2. This patch may not actually be necessary. On the original git branch I was
testing this on it was required to prevent underruns on pipe disables, but
trying this on nightly I don't seem to reproduce those underruns even when I
remove this patch, so I guess we can drop this from the series

On Wed, 2016-07-20 at 17:27 -0700, Matt Roper wrote:
> On Wed, Jul 20, 2016 at 05:00:00PM -0400, Lyude wrote:
> > 
> > As we've learned, all watermark updates on Skylake have to be strictly
> > atomic or things fail. While the bspec doesn't mandate that we need to
> > wait for pipes to finish after the third iteration of flushes, not doing
> > so gives us the opportunity to break this atomicity later.

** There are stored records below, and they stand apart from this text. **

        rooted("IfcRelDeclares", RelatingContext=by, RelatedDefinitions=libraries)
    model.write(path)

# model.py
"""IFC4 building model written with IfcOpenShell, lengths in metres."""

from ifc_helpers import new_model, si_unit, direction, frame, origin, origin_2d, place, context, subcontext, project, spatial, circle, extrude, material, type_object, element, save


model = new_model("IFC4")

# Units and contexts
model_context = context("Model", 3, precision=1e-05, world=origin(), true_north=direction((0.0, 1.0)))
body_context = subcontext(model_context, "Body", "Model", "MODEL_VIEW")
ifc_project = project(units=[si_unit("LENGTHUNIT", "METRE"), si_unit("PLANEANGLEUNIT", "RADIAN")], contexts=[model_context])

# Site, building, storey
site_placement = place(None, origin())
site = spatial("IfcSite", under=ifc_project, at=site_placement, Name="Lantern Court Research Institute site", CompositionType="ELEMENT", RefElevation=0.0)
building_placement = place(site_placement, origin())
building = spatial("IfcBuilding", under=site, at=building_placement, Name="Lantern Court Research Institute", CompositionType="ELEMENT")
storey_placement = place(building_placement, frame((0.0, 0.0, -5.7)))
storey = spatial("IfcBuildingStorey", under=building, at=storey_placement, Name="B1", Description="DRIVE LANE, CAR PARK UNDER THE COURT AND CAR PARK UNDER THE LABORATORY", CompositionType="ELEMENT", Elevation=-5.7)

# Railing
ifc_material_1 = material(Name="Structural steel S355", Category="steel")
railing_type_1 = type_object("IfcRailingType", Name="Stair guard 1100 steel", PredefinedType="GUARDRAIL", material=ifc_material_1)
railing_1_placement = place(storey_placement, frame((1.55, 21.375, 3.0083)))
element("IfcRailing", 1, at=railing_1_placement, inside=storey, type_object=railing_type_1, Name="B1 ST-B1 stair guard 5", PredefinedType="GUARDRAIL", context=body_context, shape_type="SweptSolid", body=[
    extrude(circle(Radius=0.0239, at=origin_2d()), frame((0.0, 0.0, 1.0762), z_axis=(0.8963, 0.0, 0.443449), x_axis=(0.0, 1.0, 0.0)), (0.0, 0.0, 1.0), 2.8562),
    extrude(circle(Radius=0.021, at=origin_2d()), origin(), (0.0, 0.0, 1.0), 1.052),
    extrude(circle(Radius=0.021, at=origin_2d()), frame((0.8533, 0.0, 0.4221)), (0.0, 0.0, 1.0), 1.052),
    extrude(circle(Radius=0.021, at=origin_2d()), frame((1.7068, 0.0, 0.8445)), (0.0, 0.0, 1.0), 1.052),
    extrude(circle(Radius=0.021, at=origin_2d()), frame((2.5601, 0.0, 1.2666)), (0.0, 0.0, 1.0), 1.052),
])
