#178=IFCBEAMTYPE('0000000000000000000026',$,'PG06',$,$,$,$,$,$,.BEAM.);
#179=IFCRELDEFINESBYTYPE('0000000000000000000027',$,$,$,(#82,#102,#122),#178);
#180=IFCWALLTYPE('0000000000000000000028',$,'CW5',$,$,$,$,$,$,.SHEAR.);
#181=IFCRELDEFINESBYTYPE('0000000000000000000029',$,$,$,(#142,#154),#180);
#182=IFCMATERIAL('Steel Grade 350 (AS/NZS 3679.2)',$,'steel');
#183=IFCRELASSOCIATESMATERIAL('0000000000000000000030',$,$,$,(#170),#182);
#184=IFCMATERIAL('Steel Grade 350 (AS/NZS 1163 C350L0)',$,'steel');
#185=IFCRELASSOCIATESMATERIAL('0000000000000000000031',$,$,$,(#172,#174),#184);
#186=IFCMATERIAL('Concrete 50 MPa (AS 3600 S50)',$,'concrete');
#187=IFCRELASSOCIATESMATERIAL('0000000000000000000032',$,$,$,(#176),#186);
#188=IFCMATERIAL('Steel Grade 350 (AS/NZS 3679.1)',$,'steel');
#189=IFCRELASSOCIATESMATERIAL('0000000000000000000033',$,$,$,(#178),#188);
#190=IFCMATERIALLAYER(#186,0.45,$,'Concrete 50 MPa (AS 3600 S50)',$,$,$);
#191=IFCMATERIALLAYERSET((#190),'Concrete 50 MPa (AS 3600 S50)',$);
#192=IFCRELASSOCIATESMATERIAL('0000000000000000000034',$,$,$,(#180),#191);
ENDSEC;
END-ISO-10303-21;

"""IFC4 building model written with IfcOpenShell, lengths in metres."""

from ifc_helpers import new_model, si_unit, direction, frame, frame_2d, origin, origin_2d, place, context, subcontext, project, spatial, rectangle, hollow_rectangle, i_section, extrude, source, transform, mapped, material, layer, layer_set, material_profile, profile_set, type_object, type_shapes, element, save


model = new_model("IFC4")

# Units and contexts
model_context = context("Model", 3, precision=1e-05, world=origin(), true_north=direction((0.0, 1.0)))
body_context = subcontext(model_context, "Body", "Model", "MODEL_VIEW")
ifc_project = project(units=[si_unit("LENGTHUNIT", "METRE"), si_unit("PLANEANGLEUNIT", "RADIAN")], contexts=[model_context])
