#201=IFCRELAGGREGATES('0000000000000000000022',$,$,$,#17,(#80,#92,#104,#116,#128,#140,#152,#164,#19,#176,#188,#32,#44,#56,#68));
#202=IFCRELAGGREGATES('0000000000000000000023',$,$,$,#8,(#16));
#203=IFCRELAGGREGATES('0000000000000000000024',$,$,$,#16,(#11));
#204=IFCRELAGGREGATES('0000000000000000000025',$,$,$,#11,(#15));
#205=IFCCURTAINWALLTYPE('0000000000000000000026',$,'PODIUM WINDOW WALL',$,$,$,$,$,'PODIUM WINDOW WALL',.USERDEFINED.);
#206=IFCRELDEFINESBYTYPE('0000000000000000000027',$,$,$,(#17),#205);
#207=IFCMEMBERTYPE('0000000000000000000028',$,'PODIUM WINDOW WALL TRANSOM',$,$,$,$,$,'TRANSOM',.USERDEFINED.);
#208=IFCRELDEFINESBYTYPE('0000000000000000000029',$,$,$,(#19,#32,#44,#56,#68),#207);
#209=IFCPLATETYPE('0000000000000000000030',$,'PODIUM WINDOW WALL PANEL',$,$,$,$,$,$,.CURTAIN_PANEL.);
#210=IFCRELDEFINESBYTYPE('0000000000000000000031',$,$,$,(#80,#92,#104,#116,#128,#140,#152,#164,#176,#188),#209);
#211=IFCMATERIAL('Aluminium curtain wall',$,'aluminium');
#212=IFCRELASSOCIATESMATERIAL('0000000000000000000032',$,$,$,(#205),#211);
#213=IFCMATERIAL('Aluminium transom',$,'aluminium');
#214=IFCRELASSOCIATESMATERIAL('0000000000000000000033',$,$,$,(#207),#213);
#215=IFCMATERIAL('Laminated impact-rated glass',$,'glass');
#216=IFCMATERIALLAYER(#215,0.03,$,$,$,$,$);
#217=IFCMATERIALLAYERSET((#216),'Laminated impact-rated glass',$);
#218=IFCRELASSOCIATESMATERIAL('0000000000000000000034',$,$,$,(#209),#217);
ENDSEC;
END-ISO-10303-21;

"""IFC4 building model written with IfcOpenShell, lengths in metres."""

This example
> > assumes that we're lucky enough not to be interrupted by the scheduler
> > at any point during this:
> > 
> >  - Start with pipe A and pipe B enabled
> >  - Enable pipe C
> >  - Flush pipe A in pass 1, wait until update finishes
> >  - Flush pipe B in pass 3, continue without waiting for next vblank
> >  - Start another wm update
> >  - We enter the next vblank for pipe B before we finish writing all the
> >    vm values
> >  - *Underrun*
> > 
> > As such, we always need to wait for each pipe we flush to update so as
> > to never break this atomicity.
> 
> I'm not sure I follow this commit.  If we're enabling a new pipe, the
> the allocation for A and B are generally going to shrink, so they'll
> usually be flushed in passes 1 and 2, not 3.
> 
> My understanding is that the problem that still remains (now that your
> first three patches have made progress towards fixing underruns) is that
> our DDB updates and flushes (which come from update_watermarks) happen
> pre-evasion, whereas the watermarks themselves now happen under evasion.

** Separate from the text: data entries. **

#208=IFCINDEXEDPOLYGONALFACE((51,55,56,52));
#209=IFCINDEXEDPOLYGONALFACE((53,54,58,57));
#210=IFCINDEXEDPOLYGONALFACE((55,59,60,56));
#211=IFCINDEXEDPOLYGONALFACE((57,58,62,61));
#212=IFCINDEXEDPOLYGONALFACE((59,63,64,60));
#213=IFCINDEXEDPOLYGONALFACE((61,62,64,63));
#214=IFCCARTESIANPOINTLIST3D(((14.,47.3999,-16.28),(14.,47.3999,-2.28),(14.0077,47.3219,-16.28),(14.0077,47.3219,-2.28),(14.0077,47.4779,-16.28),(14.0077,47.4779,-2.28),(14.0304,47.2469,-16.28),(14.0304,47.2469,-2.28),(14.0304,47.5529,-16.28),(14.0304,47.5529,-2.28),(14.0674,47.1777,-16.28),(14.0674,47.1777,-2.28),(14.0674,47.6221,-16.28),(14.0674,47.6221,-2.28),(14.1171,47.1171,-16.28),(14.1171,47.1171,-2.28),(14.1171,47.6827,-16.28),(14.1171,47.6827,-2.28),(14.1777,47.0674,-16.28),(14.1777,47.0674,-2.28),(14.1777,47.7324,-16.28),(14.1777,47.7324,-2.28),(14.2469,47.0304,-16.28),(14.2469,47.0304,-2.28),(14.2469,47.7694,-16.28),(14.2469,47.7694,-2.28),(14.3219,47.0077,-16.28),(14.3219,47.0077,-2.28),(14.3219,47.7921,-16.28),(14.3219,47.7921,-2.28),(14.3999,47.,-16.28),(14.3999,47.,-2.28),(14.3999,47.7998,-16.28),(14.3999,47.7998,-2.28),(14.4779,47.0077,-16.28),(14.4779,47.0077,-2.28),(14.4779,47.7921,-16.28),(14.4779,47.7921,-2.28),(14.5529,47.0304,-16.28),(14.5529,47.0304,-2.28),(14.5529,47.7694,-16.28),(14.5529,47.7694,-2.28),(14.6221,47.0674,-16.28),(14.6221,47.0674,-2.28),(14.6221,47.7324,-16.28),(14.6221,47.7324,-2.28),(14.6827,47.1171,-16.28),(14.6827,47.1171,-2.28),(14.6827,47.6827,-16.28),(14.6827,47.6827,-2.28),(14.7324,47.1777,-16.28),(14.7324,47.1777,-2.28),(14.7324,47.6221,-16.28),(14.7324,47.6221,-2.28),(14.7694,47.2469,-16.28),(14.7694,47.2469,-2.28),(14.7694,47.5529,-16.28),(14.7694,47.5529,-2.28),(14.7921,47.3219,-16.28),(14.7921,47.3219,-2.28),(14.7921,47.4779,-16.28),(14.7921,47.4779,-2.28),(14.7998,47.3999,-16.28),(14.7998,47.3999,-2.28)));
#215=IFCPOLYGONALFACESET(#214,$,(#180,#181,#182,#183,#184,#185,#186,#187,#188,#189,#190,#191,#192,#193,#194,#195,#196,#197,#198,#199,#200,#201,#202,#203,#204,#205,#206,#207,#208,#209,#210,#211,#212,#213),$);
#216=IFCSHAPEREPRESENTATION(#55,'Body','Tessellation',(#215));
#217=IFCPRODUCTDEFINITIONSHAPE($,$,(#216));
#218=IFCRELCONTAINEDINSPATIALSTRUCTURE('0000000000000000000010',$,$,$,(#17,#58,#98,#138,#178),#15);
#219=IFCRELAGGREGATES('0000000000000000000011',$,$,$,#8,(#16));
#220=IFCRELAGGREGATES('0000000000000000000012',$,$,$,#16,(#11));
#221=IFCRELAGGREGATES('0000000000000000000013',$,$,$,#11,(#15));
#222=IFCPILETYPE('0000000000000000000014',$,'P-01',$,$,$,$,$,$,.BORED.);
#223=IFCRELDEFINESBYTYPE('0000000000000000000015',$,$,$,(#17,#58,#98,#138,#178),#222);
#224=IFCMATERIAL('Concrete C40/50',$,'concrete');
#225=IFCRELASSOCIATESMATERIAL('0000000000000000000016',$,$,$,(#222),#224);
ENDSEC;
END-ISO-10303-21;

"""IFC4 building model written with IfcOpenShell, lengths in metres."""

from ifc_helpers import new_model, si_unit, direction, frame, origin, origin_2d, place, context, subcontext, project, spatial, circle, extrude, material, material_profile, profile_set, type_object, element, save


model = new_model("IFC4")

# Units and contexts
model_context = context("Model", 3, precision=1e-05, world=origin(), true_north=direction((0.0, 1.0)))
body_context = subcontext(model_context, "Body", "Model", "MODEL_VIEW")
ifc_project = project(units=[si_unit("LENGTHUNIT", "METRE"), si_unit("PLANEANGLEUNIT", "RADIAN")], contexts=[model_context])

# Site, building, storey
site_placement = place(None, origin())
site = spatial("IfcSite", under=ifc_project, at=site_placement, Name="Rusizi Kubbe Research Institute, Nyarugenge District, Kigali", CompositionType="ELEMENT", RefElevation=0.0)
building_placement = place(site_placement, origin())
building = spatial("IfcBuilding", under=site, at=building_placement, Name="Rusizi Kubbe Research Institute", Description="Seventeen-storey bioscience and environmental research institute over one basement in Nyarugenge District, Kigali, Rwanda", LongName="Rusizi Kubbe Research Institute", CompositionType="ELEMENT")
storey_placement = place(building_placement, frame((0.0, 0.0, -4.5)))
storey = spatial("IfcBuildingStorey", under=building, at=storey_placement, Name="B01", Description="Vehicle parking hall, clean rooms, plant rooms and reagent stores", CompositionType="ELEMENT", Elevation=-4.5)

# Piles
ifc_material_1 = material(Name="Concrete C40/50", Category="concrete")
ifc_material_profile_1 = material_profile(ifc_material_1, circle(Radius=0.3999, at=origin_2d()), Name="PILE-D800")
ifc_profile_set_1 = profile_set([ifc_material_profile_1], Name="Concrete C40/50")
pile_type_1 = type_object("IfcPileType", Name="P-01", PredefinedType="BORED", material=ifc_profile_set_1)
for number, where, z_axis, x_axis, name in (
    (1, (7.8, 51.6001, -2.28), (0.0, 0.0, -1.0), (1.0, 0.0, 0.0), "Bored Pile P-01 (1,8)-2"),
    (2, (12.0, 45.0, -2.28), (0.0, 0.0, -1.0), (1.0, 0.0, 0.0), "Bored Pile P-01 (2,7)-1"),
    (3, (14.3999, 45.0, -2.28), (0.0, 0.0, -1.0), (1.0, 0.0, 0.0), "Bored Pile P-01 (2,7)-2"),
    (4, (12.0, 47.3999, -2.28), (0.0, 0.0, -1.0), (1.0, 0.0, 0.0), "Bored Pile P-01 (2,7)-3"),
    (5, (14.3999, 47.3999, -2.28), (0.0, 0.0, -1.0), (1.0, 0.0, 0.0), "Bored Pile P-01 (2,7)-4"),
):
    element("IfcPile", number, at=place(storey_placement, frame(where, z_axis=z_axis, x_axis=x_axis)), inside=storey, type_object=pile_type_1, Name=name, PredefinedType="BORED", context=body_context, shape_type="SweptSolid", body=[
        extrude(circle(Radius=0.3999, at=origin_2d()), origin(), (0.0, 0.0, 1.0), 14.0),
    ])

> We really want both the new DDB value and the new watermark value to be
> written together and take effect on the same vblank.  I think the
> problem is that you might have a shrinking DDB allocation (e.g., because
> a new pipe was added or you changed a mode that changed the DDB balance)
> which some of the existing WM values exceed.  You can have a sequence
> like this:
> 
>   - update_wm:
>      - write new (smaller) DDB
>      - flush DDB
>   - vblank happens, old (big) wm + new (small) ddb = underrun
>   - vblank evasion:
>      - write new plane regs and WM's
>      - flush
>   - post-evasion vblank happens, underrun is corrected
> 
> I think ultimately we want to move the DDB register writes into the
> update functions that happen under evasion, just like you did for the WM
> registers.  However just doing this the straightforward way won't
> satisfy our requirements about pipe update ordering (the three passes
> you see today in skl_flush_wm_values).  To make that work, I think the
> general approach is that we need to basically replace the
> for_each_crtc_in_state() loop in intel_atomic_commit_tail() with some
> new CRTC iterator that processes CRTC's in a more intelligent ordering.
> We've computed our DDB changes during the atomic check phase, so we
> already know which allocations are shrinking, growing, etc. and we
> should be able to calculate an appropriate CRTC ordering at the same
> time.
> 
> With an intelligent CRTC iterator that follows the pre-computed pipe
> ordering rules (and adds the necessary vblank waits between each
> "phase"), I think we should be able to just write both DDB and WM values
> in the skl_update_primary_plane() and similar functions and let the
> existing flushes that happen take care of flushing them out at the
> appropriate time.  Of course I've kicked that idea around in my head for
> a while, but haven't had time to actually write any code for it, so I
> may be completely overlooking some stumbling block that makes it much
> more complicated than I'm envisioning.
> 
> 
> Matt
> 
> > 
> > 
> > Fixes: 0e8fb7ba7ca5 ("drm/i915/skl: Flush the WM configuration")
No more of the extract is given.